Learning Through Play: The Noise Machine

The best learning happens when children are actively engaged in investigating their own ideas, trying new things, experimenting, deepening their thinking, cooperating with each other, solving problems and conflicts, figuring it out. The problem is, young children aren’t very good at things like sticking with one idea over an extended period of time, communicating what they’re thinking about, listening to others’ communication—all skills that are pretty central to the learning that happens through play.

Our job, as teachers in a child-centered, play-based school, is to help scaffold children in those skills, so that they ideas they bring to play can grow and expand and be shared. The trick is to provide enough scaffolding that children are successful in their work and play, but not so much that we’re taking over and making the play about OUR ideas.

I was thinking about all this on Wednesday. We had put out a new kind of blocks as a provocation for children to investigate as they entered the school first thing in the morning. I sat casually arranging blocks, and a few children came over and sat with me. I wanted my building to be inviting without closing off any ideas the children would bring to the table, so when one asked me, “What are you building?” I replied, “I don’t know yet. What does it look like to you?”

“A machine!” he said.

“Cool, a machine!” I said. “What do you think this machine does?”

He paused for a long time, and I worried. Asking too many questions is a sure way to kill creativity. (Have you ever seen a child stop drawing the moment they’re asked What are you drawing? I see it all the time…) But it turned out he was just thinking, because after a minute he said, “It’s a noise machine.”

Another time I might say, “Show me how the machine works,” but I sensed I had pushed it far enough with my first two questions, so I decided to run with his idea and see what happened. “The machine makes noises? Cool!” I said. I started pressing “buttons” and making noises. BEEP! WHOOSH! A-OOGAH!

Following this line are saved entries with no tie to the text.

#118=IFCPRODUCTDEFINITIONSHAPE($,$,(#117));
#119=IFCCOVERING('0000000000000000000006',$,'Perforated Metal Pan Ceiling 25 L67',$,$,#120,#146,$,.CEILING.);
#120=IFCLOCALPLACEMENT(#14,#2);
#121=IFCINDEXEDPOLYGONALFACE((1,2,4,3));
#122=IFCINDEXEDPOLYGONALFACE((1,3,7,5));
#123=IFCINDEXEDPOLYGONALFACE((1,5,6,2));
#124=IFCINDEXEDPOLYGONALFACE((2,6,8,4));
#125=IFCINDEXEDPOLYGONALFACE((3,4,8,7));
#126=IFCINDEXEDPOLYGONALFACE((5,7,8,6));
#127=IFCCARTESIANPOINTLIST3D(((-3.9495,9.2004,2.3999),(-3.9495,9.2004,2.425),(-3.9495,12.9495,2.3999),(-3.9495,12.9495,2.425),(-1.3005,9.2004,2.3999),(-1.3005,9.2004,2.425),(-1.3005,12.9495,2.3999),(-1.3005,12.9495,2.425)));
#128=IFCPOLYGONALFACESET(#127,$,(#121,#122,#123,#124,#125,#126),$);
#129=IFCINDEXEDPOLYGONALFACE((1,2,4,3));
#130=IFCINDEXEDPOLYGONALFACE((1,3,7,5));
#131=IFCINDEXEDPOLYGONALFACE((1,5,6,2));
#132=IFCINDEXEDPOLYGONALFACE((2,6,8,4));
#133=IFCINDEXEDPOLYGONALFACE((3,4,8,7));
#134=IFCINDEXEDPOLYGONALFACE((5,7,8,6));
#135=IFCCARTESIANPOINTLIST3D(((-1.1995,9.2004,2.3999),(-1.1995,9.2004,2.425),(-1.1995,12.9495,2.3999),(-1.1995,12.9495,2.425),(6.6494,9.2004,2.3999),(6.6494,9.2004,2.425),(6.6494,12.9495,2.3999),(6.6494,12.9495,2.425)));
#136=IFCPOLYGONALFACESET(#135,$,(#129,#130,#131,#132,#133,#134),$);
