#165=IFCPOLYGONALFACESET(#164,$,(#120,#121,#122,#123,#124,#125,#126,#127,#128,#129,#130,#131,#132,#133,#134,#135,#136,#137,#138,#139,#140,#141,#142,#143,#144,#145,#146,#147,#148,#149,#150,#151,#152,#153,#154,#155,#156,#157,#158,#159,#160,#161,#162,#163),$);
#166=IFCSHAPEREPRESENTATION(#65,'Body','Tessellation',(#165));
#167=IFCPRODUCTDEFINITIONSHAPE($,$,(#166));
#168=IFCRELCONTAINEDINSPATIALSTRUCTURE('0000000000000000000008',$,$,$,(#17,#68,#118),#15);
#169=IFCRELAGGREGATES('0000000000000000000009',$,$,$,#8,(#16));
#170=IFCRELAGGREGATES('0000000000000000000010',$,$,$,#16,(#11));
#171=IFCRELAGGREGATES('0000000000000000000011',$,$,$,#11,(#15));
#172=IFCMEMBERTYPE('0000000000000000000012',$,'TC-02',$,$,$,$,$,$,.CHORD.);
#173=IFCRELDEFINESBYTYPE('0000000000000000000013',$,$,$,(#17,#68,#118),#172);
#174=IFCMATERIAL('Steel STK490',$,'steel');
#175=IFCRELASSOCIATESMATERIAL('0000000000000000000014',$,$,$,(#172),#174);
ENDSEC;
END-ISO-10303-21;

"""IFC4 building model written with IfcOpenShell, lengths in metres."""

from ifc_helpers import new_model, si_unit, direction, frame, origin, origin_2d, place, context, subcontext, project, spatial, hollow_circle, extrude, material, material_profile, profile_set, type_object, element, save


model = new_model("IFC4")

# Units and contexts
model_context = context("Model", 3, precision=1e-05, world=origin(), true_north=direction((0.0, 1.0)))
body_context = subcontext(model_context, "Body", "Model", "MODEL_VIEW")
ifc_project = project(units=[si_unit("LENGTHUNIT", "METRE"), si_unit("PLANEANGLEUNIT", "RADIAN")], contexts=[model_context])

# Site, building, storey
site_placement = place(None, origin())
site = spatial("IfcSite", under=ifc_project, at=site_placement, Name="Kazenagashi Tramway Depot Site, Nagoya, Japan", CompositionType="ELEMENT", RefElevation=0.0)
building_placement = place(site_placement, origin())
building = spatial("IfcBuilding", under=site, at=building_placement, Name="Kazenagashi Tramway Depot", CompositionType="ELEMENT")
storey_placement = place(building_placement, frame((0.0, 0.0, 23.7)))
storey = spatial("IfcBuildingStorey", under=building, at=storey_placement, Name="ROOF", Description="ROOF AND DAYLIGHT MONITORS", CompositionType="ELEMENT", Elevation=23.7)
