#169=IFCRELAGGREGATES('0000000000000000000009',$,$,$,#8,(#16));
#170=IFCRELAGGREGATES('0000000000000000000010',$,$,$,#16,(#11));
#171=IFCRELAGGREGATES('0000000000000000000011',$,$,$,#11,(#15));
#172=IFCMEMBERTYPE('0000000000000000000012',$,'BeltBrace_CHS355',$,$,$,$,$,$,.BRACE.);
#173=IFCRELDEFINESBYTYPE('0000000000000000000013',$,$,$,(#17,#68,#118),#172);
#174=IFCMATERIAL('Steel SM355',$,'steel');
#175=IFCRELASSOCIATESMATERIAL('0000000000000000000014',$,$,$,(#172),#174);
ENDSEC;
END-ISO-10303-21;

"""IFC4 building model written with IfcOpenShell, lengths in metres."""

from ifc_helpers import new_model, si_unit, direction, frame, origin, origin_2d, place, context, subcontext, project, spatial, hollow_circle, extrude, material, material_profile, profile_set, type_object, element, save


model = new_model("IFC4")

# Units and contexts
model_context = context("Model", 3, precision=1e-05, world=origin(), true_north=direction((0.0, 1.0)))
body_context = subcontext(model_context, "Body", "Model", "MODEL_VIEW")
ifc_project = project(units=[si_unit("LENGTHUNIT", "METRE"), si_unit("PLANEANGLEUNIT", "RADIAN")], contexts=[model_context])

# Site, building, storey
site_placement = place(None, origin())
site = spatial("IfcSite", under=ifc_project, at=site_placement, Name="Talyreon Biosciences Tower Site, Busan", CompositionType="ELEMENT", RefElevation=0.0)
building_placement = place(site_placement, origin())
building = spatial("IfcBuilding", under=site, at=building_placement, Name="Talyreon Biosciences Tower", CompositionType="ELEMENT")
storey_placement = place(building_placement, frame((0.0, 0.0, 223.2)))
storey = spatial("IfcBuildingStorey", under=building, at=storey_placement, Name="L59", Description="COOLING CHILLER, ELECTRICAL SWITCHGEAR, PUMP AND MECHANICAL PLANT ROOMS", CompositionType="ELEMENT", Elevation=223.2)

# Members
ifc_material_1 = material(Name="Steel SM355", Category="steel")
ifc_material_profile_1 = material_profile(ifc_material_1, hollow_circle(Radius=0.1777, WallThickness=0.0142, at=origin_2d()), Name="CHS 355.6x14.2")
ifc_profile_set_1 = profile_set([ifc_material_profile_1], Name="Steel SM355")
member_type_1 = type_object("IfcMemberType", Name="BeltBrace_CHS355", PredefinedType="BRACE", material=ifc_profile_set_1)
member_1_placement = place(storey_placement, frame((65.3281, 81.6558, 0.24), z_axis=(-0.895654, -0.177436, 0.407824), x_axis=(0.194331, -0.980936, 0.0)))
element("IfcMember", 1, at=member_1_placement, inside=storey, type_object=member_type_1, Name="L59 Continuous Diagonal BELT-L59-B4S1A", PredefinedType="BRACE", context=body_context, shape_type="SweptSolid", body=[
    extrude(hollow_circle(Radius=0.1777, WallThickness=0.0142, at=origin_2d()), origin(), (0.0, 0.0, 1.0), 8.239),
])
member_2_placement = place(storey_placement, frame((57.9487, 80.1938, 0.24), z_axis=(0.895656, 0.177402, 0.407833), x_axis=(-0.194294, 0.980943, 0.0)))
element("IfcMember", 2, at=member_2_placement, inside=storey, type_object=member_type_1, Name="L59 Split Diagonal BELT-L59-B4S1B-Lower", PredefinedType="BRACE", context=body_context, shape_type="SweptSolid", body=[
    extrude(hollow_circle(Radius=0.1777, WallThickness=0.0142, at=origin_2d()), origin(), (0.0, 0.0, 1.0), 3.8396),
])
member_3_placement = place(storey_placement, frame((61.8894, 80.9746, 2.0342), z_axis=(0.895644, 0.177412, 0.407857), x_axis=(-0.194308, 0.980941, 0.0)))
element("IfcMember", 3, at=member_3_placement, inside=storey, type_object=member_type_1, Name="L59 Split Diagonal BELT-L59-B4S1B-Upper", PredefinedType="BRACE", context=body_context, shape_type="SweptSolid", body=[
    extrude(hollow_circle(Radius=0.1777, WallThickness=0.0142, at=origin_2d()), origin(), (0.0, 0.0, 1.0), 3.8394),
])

The child laughed at the last noise, and reached down and pressed the same spot with his finger and said A-OOGAH! We started taking turns using the noise machine to make different noises.

Other children were starting to come over. I knew the child I was working with would have a hard time getting other children involved, so as each new child came over, I said, “Hey, we’re building a noise machine! Look how it works! BONG! Come help us!” Soon there was a small group adding blocks and experimenting with noises.

noise1

As the play went on, I could step back for a few minutes at a time and watch, letting things go on without me. Some children started making musical noises, or animal noises. Some started pointing out certain types of buttons. “This one is different, when you put your hand up high the noise goes louder!”

noise2

After a little while the game drifted to new topics, as games will do. But I felt good that I could help one child take what could have been a throw-away idea—the noise machine—and turn it into something that kids could spend 10 minutes cooperating on.

Sometimes I use too heavy a hand, and find myself at the center of play that depends on me—the kids aren’t doing enough of the work. Other times I don’t step in enough, and a promising idea fizzles because a child couldn’t explain it to another, or because they couldn’t keep their attention on it. But this particular time it worked just right, and I saw some two- and three-year-olds level up their listening and teamwork skills, just a little bit, for the sake of staying involved in a cool game.